My work focuses on the complex emotions that accompany the patient experience of being medically scanned in a hospital. I am motivated by the desire to understand how our sense of self has been transformed as a result of our entanglements with biomedical imaging technologies. This work is also guided by the ethical desire to instigate meaningful collaborations with those whose subjectivities are being shaped by the experience of illness; and finally to see what role aesthetics can play to foster interdisciplinary collaborations between art and medicine. This arts-based research is a joint cycle of informing and reconstructing identity with my sister, Devan Stahl, who is a Clinical Bioethicist at Michigan State University and has multiple sclerosis.

This print-based artwork combines my sister’s MRI scans, hospital gowns, and domestic spaces to represent the uneasy relationship between a likely future of impairment and continuing her daily life in the present. My printmaking process begins by photographing standard hospital gowns that are twisted, falling, or crumpled, gestures that point to the anxiety ones feels while wearing the garment. Next, I combine the gown imagery with MRI scans and photographs of domestic spaces to reflect how the memories of being scanned follow the patient far beyond the hospital doors.

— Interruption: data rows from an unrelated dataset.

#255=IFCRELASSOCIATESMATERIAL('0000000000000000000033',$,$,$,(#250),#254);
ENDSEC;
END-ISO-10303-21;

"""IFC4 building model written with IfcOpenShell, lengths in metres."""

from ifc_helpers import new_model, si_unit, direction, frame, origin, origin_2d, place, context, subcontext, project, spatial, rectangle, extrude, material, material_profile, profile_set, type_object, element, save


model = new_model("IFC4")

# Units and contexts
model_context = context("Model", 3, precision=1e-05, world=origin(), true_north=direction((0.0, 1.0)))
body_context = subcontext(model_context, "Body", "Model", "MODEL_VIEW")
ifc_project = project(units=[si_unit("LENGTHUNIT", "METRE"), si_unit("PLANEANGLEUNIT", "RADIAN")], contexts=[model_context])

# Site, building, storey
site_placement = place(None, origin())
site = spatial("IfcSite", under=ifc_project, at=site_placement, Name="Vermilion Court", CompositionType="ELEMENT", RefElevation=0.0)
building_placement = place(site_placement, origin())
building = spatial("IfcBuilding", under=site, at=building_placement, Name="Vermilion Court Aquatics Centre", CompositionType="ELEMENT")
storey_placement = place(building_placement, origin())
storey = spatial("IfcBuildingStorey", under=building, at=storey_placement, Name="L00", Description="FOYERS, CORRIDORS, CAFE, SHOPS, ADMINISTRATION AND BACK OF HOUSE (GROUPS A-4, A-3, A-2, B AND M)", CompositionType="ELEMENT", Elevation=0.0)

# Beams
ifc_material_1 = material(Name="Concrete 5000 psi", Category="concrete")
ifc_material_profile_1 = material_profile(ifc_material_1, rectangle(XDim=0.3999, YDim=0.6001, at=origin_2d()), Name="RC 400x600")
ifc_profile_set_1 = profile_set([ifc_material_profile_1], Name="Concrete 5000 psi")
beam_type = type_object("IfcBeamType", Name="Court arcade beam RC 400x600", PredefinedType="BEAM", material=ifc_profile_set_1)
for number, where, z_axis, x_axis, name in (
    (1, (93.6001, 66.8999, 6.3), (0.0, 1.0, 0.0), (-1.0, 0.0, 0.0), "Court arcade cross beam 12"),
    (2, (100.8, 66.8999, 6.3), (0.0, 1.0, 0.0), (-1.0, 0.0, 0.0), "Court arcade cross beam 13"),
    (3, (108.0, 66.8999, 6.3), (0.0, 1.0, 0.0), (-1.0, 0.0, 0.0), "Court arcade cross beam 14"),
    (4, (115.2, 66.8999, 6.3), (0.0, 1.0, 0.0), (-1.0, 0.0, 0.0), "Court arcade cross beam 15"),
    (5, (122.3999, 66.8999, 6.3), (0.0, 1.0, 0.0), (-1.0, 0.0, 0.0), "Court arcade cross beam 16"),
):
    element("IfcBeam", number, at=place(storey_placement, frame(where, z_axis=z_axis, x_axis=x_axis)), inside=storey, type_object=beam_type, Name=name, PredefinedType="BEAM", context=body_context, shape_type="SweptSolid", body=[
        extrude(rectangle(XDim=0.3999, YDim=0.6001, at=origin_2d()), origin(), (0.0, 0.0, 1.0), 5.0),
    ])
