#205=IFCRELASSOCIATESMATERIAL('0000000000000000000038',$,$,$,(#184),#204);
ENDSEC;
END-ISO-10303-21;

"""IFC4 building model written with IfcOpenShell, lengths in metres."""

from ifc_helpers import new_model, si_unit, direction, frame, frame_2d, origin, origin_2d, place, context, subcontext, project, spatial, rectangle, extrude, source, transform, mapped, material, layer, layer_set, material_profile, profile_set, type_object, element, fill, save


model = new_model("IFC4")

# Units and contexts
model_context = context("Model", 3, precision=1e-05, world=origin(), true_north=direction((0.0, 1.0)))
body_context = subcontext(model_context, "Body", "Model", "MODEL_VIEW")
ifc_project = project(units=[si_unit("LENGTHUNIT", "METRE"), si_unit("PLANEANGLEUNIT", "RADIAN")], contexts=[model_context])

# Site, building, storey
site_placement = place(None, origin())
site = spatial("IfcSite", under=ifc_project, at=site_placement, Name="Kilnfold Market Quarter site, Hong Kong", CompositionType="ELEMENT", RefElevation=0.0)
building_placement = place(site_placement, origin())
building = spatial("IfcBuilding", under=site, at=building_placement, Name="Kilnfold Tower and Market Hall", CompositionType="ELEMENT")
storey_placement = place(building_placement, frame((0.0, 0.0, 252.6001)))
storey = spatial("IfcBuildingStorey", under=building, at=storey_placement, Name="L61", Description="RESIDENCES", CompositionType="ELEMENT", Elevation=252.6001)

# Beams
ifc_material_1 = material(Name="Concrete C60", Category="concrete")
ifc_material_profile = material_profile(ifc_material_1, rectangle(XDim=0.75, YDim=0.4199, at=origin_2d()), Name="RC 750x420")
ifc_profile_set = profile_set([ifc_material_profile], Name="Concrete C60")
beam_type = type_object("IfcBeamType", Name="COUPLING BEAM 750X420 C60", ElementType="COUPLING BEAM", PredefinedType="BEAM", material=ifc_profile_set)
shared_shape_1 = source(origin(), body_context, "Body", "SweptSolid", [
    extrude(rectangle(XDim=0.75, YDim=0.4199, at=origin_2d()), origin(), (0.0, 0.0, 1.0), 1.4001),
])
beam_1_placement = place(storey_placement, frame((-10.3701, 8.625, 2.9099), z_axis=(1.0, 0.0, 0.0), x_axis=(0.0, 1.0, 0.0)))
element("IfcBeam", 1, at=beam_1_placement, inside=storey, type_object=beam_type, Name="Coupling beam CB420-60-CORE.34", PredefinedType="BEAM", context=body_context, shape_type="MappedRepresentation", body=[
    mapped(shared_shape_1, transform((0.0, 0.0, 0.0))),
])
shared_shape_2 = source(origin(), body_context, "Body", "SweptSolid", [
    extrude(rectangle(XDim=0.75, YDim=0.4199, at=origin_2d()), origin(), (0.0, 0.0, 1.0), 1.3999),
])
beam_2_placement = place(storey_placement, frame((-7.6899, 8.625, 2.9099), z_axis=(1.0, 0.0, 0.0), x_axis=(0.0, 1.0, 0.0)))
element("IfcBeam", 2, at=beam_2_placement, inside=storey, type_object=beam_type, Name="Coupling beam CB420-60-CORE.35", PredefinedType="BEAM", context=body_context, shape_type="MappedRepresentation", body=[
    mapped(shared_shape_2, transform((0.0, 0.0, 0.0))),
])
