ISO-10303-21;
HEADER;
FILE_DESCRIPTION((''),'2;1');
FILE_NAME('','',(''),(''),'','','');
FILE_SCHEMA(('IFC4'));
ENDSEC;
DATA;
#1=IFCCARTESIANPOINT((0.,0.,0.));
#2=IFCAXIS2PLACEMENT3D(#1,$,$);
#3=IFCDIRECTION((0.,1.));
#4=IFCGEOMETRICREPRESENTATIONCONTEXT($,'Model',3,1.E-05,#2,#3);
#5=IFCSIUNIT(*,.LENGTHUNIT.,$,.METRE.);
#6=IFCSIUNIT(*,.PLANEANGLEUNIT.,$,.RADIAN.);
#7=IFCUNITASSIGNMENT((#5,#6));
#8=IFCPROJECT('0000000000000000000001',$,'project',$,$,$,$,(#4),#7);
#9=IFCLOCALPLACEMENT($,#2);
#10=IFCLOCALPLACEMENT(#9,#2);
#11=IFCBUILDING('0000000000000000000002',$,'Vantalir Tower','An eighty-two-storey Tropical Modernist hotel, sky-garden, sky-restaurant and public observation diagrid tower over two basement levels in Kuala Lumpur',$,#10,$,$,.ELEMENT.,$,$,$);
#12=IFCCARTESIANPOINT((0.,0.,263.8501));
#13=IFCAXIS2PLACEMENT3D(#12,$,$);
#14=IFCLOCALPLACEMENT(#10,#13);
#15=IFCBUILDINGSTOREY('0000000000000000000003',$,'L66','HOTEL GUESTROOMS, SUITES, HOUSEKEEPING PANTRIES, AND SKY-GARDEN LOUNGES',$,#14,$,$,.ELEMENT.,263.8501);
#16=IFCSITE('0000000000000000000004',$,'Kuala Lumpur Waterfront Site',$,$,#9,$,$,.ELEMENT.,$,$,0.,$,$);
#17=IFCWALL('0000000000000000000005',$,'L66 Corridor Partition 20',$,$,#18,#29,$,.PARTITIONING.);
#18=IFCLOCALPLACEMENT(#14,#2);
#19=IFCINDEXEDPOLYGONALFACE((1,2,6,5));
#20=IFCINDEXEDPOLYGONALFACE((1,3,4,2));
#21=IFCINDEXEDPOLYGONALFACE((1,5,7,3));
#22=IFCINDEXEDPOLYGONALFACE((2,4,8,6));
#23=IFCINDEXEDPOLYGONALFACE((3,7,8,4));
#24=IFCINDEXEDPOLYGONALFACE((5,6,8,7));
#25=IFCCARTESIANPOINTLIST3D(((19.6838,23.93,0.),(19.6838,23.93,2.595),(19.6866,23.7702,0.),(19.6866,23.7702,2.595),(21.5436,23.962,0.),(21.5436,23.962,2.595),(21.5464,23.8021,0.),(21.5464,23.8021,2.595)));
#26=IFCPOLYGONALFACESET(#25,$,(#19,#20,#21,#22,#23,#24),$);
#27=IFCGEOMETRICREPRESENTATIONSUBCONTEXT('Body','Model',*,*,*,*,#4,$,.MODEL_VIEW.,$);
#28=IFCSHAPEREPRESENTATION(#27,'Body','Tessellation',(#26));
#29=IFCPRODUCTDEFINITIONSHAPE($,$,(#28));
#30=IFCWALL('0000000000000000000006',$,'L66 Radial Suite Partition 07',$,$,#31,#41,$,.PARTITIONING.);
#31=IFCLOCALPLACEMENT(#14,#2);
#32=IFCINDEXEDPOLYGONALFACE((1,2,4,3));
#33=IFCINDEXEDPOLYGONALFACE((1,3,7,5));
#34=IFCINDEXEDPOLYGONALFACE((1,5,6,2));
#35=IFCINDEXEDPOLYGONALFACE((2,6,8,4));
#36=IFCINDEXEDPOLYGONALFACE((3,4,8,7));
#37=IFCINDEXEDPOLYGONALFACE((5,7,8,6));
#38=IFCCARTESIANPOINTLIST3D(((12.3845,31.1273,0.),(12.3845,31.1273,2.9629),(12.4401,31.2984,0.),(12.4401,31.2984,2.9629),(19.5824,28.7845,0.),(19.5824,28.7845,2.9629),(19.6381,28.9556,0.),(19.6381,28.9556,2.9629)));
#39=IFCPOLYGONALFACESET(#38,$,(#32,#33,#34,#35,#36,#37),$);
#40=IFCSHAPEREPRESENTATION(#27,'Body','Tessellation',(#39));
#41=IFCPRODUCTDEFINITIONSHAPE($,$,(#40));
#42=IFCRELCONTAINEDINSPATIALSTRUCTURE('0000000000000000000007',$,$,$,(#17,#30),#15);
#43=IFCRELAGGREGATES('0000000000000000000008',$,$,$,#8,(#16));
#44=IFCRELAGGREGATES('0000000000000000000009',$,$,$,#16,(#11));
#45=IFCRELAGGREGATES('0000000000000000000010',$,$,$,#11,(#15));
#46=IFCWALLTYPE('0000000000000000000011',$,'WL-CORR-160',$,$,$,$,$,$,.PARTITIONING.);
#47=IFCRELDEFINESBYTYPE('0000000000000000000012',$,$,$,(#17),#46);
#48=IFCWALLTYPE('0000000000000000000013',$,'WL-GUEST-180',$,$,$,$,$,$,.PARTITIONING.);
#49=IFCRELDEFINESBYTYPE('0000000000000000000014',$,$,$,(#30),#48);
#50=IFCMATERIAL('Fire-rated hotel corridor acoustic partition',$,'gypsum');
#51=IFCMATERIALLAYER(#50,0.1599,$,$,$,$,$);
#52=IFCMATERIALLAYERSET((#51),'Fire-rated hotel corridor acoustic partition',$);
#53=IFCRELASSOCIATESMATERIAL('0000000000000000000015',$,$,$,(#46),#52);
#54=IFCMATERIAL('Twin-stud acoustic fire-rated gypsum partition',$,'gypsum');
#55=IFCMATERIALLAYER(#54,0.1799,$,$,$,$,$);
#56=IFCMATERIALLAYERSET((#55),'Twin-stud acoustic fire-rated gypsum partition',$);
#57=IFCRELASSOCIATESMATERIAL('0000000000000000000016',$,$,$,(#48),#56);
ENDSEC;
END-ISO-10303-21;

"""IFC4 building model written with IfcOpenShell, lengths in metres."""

from ifc_helpers import new_model, si_unit, direction, frame, frame_2d, origin, place, context, subcontext, project, spatial, rectangle, extrude, material, layer, layer_set, type_object, element, save


model = new_model("IFC4")

# Units and contexts
model_context = context("Model", 3, precision=1e-05, world=origin(), true_north=direction((0.0, 1.0)))
body_context = subcontext(model_context, "Body", "Model", "MODEL_VIEW")
ifc_project = project(units=[si_unit("LENGTHUNIT", "METRE"), si_unit("PLANEANGLEUNIT", "RADIAN")], contexts=[model_context])

# Site, building, storey
site_placement = place(None, origin())
site = spatial("IfcSite", under=ifc_project, at=site_placement, Name="Kuala Lumpur Waterfront Site", CompositionType="ELEMENT", RefElevation=0.0)
building_placement = place(site_placement, origin())
building = spatial("IfcBuilding", under=site, at=building_placement, Name="Vantalir Tower", Description="An eighty-two-storey Tropical Modernist hotel, sky-garden, sky-restaurant and public observation diagrid tower over two basement levels in Kuala Lumpur", CompositionType="ELEMENT")
storey_placement = place(building_placement, frame((0.0, 0.0, 263.8501)))
storey = spatial("IfcBuildingStorey", under=building, at=storey_placement, Name="L66", Description="HOTEL GUESTROOMS, SUITES, HOUSEKEEPING PANTRIES, AND SKY-GARDEN LOUNGES", CompositionType="ELEMENT", Elevation=263.8501)

# Shared definitions
ifc_material_1 = material(Name="Fire-rated hotel corridor acoustic partition", Category="gypsum")
ifc_layer_1 = layer(ifc_material_1, 0.1599)
ifc_layer_set_1 = layer_set([ifc_layer_1], Name="Fire-rated hotel corridor acoustic partition")
wall_type_1 = type_object("IfcWallType", Name="WL-CORR-160", PredefinedType="PARTITIONING", material=ifc_layer_set_1)

# Walls
wall_1_placement = place(storey_placement, frame((19.6851, 23.8501, 0.0), z_axis=(0.0, 0.0, 1.0), x_axis=(0.999852, 0.017194, 0.0)))
element("IfcWall", 1, at=wall_1_placement, inside=storey, type_object=wall_type_1, Name="L66 Corridor Partition 20", PredefinedType="PARTITIONING", context=body_context, shape_type="SweptSolid", body=[
    extrude(rectangle(XDim=1.8601, YDim=0.1599, at=frame_2d((0.9302, 0.0))), origin(), (0.0, 0.0, 1.0), 2.595),
])
ifc_material_2 = material(Name="Twin-stud acoustic fire-rated gypsum partition", Category="gypsum")
ifc_layer_2 = layer(ifc_material_2, 0.1799)
ifc_layer_set_2 = layer_set([ifc_layer_2], Name="Twin-stud acoustic fire-rated gypsum partition")
wall_type_2 = type_object("IfcWallType", Name="WL-GUEST-180", PredefinedType="PARTITIONING", material=ifc_layer_set_2)
wall_2_placement = place(storey_placement, frame((19.6101, 28.8701, 0.0), z_axis=(0.0, 0.0, 1.0), x_axis=(-0.950901, 0.309495, 0.0)))
element("IfcWall", 2, at=wall_2_placement, inside=storey, type_object=wall_type_2, Name="L66 Radial Suite Partition 07", PredefinedType="PARTITIONING", context=body_context, shape_type="SweptSolid", body=[
    extrude(rectangle(XDim=7.5696, YDim=0.1799, at=frame_2d((3.7847, 0.0))), origin(), (0.0, 0.0, 1.0), 2.9629),
])

save(model, "model.ifc")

By re-contextualizing medical scans through I fine art lens that humanizes their anonymous and alienating qualities, I aim to restore a sense of agency over medicalized body. I am most interested in untangling the tension between flat, sterile, and diminutive internal scans and the living, three-dimensional body they are meant to serve. I aim for viewers to identify with this figure, and come to find that we all carry anxiety about the functionality of our bodies and, more broadly, our mortality. When audiences see my work, even though they do not know my sister, they feel her and are filled with a shared, connecting reflection over the state of our ever-failing bodies.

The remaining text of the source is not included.